时间:2023-01-04 19:34:18浏览次数:46  
标签:return int leetcode length result easy 350 nums1 nums2

Intersection of Two Arrays II

Given two integer arrays nums1 and nums2, return an array of their intersection. 
Each element in the result must appear as many times as it shows in both arrays and you may return the result in any order.

Example 1:

Input: nums1 = [1,2,2,1], nums2 = [2,2]
Output: [2,2]
Example 2:

Input: nums1 = [4,9,5], nums2 = [9,4,9,8,4]
Output: [4,9]
Explanation: [9,4] is also accepted.
Constraints:

1 <= nums1.length, nums2.length <= 1000
0 <= nums1[i], nums2[i] <= 1000
Follow up:

What if the given array is already sorted?

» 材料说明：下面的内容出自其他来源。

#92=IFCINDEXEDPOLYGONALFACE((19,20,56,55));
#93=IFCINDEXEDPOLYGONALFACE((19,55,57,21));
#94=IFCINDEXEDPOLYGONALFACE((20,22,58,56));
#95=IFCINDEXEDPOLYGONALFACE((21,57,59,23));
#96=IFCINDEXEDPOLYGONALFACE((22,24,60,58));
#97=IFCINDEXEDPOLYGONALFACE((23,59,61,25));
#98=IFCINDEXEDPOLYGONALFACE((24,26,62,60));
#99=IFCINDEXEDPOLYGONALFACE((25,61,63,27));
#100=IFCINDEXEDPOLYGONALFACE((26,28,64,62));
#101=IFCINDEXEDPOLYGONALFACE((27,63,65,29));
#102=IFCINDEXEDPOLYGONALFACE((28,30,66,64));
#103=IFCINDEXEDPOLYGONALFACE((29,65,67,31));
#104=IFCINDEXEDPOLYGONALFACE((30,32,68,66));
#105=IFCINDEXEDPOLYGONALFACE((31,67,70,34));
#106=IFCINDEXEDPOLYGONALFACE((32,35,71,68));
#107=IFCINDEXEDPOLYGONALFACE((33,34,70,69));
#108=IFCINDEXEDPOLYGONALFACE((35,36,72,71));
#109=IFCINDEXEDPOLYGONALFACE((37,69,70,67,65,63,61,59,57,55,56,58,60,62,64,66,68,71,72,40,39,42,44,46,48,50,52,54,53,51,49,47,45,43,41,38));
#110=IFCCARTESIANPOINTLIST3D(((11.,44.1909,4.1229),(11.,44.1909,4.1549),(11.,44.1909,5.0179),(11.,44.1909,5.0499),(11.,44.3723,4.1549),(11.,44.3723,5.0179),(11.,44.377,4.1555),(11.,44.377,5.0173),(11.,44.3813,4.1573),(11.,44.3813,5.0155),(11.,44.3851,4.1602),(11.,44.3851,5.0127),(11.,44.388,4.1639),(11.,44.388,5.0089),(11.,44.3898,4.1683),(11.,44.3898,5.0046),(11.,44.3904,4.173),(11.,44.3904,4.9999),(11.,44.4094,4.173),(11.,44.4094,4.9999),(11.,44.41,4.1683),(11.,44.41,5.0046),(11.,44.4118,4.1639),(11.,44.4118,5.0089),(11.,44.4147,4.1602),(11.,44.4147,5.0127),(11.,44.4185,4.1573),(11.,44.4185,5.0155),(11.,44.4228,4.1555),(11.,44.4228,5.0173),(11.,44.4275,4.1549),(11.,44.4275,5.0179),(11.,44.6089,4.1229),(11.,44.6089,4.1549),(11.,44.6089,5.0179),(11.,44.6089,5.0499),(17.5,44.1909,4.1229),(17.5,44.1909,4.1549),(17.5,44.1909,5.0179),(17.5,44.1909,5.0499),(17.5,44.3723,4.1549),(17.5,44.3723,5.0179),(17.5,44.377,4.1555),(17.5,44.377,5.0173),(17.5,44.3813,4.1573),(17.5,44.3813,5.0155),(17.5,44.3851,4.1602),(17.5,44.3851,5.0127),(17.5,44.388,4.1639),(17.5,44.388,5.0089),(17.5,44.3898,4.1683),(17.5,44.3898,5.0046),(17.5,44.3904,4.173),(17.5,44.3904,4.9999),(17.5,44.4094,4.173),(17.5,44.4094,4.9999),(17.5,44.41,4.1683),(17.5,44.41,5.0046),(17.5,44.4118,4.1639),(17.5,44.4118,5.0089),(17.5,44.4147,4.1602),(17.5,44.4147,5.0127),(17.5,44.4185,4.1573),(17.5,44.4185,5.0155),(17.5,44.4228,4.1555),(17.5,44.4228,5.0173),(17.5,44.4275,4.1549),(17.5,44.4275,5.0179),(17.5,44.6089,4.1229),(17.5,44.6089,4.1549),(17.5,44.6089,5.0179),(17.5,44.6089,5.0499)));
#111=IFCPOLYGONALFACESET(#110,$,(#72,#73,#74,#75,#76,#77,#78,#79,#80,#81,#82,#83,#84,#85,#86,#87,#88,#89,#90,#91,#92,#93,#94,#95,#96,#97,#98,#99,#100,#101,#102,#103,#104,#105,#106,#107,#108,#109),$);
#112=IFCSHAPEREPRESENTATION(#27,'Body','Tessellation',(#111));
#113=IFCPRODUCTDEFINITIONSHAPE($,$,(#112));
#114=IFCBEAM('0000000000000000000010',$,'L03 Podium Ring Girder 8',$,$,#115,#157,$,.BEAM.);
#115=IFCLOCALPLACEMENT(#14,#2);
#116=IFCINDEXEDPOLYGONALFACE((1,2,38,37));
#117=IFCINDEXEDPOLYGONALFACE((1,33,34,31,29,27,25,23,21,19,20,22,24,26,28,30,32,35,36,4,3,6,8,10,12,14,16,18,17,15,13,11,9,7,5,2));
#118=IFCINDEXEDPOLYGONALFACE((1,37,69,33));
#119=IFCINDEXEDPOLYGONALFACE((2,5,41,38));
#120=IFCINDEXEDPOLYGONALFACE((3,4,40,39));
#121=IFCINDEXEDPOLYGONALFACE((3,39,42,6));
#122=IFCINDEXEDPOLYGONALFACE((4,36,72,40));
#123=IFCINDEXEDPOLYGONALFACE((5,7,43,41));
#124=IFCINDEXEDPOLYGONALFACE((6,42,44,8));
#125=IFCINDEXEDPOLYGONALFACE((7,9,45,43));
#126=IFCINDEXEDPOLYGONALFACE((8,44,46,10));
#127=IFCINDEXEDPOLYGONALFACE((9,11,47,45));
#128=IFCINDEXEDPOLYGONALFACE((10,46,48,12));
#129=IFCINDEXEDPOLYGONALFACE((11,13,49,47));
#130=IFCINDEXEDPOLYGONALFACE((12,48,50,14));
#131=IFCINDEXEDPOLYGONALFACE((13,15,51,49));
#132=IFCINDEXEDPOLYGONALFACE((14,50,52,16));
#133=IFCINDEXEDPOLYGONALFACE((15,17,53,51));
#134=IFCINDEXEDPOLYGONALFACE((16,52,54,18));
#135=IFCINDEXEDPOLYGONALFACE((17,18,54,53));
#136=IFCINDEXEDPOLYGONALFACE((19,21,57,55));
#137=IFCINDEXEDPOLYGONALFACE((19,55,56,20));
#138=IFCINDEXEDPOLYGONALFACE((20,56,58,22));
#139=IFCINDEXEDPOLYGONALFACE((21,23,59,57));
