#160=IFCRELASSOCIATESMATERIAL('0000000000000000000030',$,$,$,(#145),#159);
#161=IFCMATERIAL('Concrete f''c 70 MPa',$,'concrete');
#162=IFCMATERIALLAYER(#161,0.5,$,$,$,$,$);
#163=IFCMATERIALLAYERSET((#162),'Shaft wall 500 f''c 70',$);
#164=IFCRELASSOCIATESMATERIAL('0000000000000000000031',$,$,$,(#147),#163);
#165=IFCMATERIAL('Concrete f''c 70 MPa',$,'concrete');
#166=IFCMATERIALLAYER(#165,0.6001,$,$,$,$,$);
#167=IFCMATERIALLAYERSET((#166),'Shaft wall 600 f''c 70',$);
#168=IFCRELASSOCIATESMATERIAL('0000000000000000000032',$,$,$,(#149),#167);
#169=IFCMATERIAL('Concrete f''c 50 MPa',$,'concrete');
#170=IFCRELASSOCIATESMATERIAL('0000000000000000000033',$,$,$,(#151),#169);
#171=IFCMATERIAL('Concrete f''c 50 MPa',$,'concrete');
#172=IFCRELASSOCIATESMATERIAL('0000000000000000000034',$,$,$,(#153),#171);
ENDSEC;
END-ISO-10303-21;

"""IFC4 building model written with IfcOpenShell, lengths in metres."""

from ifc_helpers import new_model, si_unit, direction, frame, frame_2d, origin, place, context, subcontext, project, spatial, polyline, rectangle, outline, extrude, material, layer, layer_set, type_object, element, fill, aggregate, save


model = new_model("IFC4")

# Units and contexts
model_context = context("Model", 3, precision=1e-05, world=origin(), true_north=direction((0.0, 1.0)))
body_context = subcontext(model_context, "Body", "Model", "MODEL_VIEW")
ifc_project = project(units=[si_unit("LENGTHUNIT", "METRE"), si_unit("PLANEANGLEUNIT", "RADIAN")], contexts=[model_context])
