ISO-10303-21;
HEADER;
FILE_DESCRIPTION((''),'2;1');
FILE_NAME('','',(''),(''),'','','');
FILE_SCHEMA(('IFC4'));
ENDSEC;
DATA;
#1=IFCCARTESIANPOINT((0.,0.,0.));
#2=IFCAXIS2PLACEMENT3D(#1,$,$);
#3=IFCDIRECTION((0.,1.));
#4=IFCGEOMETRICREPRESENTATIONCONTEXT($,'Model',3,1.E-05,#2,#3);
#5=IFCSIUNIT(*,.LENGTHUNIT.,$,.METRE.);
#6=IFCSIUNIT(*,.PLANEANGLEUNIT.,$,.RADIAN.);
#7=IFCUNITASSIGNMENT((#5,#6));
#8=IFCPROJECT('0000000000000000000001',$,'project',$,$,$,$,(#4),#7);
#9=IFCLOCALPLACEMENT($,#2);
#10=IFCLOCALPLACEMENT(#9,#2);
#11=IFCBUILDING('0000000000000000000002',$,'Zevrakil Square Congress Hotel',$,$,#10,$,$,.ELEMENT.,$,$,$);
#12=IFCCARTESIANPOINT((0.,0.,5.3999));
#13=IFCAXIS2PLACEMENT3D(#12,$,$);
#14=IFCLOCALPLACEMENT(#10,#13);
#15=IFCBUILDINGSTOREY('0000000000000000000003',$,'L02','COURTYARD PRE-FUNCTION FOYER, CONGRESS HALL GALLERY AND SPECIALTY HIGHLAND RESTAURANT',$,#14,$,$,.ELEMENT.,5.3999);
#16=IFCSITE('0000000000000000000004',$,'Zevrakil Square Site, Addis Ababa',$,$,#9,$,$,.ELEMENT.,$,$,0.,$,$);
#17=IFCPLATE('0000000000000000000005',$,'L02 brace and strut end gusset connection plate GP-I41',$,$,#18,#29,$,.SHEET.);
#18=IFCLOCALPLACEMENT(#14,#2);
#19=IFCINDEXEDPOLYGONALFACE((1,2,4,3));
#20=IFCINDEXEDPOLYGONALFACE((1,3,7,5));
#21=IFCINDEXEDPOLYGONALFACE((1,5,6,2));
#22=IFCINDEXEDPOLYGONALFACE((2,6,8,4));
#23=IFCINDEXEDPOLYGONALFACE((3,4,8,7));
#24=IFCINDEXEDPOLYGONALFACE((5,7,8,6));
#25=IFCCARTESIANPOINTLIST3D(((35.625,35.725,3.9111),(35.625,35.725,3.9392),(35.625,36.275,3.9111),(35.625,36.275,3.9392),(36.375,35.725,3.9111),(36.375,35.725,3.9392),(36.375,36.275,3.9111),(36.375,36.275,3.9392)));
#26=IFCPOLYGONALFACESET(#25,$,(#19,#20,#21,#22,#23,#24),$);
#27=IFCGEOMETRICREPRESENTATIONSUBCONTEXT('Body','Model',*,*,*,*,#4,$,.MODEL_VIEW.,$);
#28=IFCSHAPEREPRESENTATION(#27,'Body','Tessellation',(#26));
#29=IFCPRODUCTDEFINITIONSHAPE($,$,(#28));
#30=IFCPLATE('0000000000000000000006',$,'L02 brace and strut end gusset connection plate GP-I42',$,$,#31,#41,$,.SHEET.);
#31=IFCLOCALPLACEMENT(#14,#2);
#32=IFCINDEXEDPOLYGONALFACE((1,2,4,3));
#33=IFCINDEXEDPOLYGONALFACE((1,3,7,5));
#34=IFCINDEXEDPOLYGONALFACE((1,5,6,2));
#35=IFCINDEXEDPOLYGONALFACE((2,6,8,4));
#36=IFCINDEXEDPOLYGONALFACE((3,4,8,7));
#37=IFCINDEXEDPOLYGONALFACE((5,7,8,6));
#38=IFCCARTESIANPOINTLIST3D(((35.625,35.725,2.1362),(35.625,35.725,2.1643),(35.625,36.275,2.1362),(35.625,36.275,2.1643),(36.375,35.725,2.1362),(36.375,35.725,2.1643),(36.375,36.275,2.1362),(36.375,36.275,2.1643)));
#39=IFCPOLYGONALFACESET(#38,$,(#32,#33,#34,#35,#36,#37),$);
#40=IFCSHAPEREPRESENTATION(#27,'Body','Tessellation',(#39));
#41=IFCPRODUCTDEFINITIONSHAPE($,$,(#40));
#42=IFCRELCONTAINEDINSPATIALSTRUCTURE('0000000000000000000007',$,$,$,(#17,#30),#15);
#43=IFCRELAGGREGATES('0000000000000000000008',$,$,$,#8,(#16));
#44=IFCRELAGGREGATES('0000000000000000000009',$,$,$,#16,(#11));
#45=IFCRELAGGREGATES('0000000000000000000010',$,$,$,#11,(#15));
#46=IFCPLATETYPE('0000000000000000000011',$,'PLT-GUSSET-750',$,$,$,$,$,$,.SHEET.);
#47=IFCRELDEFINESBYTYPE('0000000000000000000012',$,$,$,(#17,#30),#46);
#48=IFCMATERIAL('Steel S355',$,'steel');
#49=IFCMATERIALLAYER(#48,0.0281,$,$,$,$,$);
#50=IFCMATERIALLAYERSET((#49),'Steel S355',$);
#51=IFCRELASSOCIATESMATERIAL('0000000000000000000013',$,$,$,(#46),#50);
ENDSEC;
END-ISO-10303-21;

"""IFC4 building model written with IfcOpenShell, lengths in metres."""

from ifc_helpers import new_model, si_unit, direction, frame, origin, origin_2d, place, context, subcontext, project, spatial, rectangle, extrude, material, layer, layer_set, type_object, element, save


model = new_model("IFC4")

# Units and contexts
model_context = context("Model", 3, precision=1e-05, world=origin(), true_north=direction((0.0, 1.0)))
body_context = subcontext(model_context, "Body", "Model", "MODEL_VIEW")
ifc_project = project(units=[si_unit("LENGTHUNIT", "METRE"), si_unit("PLANEANGLEUNIT", "RADIAN")], contexts=[model_context])

# Site, building, storey
site_placement = place(None, origin())
site = spatial("IfcSite", under=ifc_project, at=site_placement, Name="Zevrakil Square Site, Addis Ababa", CompositionType="ELEMENT", RefElevation=0.0)
building_placement = place(site_placement, origin())
building = spatial("IfcBuilding", under=site, at=building_placement, Name="Zevrakil Square Congress Hotel", CompositionType="ELEMENT")
storey_placement = place(building_placement, frame((0.0, 0.0, 5.3999)))
storey = spatial("IfcBuildingStorey", under=building, at=storey_placement, Name="L02", Description="COURTYARD PRE-FUNCTION FOYER, CONGRESS HALL GALLERY AND SPECIALTY HIGHLAND RESTAURANT", CompositionType="ELEMENT", Elevation=5.3999)

# Plates
ifc_material_1 = material(Name="Steel S355", Category="steel")
ifc_layer = layer(ifc_material_1, 0.0281)
ifc_layer_set = layer_set([ifc_layer], Name="Steel S355")
plate_type = type_object("IfcPlateType", Name="PLT-GUSSET-750", PredefinedType="SHEET", material=ifc_layer_set)
for number, where, z_axis, x_axis, name in (
    (1, (36.0, 36.0, 3.9111), (0.0, 0.0, 1.0), (1.0, 0.0, 0.0), "L02 brace and strut end gusset connection plate GP-I41"),
    (2, (36.0, 36.0, 2.1362), (0.0, 0.0, 1.0), (1.0, 0.0, 0.0), "L02 brace and strut end gusset connection plate GP-I42"),
):
    element("IfcPlate", number, at=place(storey_placement, frame(where, z_axis=z_axis, x_axis=x_axis)), inside=storey, type_object=plate_type, Name=name, PredefinedType="SHEET", context=body_context, shape_type="SweptSolid", body=[
        extrude(rectangle(XDim=0.75, YDim=0.55, at=origin_2d()), origin(), (0.0, 0.0, 1.0), 0.0281),
    ])

save(model, "model.ifc")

How would you optimize your algorithm?
What if nums1's size is small compared to nums2's size? Which algorithm is better?
What if elements of nums2 are stored on disk, and the memory is limited such that you cannot load all elements into the memory at once?

思路一:两个数组排序,对比两数组从小到大,如有相等的值,放入结果中,实现有点丑,用数组映射或者 map 会简洁一些,但是会占用额外的存储空间。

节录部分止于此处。